Autism: Genetic or Environmental cause?

Updated: Nov 14, 2018

The cause of autism has been a much debated topic in the science community in the recent years. There are those scientists and researchers that have implicated dozens of genes as the cause of autism. According to the Spectrum News, the “interplay between genetics and the environment” that is the true cause of autism. The real question is, to how much of an extent does the environment influence the chance of autism?

Risk Factors:

Some of the “risk factors for autism include being born prematurely, soon after an older sibling, or to a mother with diabetes,” said Spectrum News. These are among the hundreds of factors that have been researched to determine their connection with autism. However, most scientists have not been able to come up with definitive proof to determine exact causality for all of these factors. This does not mean that there is no connection though. The most commonly accepted risk factors for ASD (Autism Spectrum Disorder) occur during the birthing process, through various pregnancy complications and a combination of many mechanisms.

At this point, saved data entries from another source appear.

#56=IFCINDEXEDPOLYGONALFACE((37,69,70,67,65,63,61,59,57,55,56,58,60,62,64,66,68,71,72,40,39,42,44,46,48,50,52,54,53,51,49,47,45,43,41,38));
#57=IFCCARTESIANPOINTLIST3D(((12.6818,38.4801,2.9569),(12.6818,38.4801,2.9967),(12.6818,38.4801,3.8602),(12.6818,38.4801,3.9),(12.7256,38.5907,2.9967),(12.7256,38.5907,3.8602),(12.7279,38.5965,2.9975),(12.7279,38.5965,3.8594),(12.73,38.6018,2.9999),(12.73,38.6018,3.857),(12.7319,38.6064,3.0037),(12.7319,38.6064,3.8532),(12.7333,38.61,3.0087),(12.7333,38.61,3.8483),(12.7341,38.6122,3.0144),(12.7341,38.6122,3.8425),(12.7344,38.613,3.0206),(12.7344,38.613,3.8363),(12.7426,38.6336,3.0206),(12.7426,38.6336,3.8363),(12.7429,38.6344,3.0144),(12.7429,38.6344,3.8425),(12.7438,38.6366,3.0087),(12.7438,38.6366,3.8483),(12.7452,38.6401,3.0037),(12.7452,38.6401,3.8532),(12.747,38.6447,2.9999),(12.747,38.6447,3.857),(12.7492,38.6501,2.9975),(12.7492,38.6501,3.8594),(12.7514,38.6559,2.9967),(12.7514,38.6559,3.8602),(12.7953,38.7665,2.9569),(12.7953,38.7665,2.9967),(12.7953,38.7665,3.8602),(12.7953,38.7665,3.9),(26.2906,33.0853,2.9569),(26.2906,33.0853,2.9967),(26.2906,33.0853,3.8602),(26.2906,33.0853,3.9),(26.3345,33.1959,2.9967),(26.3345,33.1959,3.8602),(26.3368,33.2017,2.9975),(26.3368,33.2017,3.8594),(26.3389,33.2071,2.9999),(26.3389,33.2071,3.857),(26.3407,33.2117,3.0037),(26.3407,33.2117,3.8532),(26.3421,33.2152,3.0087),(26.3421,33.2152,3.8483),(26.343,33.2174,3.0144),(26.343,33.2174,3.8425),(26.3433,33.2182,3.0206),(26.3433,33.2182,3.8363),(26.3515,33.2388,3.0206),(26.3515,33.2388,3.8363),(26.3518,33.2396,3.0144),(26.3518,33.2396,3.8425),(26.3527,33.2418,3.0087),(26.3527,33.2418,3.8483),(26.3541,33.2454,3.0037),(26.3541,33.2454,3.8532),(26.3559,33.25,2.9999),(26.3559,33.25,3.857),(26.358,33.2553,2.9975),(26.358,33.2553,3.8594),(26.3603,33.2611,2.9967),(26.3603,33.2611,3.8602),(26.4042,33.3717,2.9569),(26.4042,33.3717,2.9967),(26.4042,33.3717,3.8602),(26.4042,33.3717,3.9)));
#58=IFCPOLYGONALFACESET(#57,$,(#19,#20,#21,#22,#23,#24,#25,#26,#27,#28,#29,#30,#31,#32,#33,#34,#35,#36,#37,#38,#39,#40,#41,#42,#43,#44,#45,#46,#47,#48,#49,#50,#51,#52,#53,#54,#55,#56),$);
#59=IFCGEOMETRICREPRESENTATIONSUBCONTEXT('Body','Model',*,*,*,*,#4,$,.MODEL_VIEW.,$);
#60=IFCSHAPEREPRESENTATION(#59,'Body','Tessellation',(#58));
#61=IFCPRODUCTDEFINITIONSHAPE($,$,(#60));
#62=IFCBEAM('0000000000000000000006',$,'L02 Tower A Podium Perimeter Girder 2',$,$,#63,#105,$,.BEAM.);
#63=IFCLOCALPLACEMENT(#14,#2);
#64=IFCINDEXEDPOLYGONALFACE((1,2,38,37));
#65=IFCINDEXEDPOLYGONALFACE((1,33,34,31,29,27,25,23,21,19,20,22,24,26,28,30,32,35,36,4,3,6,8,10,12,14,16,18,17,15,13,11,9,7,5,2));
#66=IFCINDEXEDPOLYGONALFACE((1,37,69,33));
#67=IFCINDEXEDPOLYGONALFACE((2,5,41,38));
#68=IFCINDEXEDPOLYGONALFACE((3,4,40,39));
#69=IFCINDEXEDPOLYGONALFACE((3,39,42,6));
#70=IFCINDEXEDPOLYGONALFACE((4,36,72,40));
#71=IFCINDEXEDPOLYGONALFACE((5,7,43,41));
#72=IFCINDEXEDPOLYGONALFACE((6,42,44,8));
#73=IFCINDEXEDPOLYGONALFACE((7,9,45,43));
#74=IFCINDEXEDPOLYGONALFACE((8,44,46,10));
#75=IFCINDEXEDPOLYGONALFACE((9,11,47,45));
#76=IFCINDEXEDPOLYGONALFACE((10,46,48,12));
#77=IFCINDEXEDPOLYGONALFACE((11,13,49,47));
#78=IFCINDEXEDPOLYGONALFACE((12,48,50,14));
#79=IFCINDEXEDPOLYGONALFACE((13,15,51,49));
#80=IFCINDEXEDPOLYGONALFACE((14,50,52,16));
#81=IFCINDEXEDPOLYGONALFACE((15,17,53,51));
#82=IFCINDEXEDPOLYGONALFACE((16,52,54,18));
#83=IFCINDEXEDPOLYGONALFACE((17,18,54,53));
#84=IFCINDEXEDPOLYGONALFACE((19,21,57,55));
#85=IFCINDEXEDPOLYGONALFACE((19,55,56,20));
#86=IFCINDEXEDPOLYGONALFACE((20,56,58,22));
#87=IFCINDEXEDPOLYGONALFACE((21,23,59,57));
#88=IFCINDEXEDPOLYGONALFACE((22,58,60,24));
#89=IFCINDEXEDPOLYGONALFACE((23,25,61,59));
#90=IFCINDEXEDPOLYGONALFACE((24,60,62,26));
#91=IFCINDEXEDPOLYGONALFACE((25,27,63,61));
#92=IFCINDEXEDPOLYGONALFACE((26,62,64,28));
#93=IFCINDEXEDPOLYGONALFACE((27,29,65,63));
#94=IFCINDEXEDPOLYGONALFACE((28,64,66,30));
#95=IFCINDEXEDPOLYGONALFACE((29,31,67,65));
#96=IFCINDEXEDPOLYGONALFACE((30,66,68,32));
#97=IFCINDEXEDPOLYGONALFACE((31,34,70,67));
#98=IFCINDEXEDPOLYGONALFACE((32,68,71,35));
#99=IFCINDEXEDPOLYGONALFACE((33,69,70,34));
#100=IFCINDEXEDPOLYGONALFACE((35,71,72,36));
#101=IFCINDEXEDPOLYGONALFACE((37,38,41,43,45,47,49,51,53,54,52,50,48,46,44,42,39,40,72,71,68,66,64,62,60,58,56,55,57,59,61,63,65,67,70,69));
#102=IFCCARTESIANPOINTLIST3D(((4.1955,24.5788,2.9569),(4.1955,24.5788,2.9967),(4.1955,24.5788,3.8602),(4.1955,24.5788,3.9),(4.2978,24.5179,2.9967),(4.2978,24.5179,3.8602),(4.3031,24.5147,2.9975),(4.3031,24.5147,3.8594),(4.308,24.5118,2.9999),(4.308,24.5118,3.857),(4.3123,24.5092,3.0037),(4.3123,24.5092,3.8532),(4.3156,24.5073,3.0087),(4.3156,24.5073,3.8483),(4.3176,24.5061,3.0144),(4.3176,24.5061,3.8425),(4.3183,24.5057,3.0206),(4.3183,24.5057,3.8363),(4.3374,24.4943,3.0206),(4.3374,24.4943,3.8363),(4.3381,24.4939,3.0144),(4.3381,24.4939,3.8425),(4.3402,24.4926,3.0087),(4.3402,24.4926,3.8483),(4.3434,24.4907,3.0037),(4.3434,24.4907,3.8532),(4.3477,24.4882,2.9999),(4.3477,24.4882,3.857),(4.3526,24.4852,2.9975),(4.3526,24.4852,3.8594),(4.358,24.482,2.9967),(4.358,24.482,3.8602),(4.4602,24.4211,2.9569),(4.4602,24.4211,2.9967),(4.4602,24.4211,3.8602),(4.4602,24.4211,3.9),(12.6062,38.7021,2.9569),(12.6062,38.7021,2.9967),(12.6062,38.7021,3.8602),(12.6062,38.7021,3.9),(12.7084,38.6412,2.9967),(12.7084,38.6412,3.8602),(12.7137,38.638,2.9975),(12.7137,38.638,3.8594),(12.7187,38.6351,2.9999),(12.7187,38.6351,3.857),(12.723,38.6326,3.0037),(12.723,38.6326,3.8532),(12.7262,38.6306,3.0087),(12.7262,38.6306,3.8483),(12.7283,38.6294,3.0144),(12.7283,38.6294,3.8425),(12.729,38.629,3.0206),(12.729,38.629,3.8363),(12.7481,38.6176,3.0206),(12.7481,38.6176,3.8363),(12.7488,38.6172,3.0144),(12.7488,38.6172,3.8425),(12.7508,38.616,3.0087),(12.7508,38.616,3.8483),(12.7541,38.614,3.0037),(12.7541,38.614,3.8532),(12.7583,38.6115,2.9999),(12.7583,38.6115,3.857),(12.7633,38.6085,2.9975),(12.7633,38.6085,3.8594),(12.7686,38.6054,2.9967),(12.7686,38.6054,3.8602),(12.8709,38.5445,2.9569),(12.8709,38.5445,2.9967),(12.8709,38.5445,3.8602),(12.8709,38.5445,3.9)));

There is a strong connection between genetic and environmental factors in determining if a person has autism. There are so many genes and environmental factors that could affect a person that it would mostly be impossible to exactly determine what happens because it is unique in every person. However, certain activities could lead to an increased chance. An example of this would be that you could get lung cancer from smoking cigarettes everyday, or you could never smoke a day in your life and still develop lung cancer.

As autism research progresses, maybe we can get a better understanding the extent of the relationship between genetics and the environment.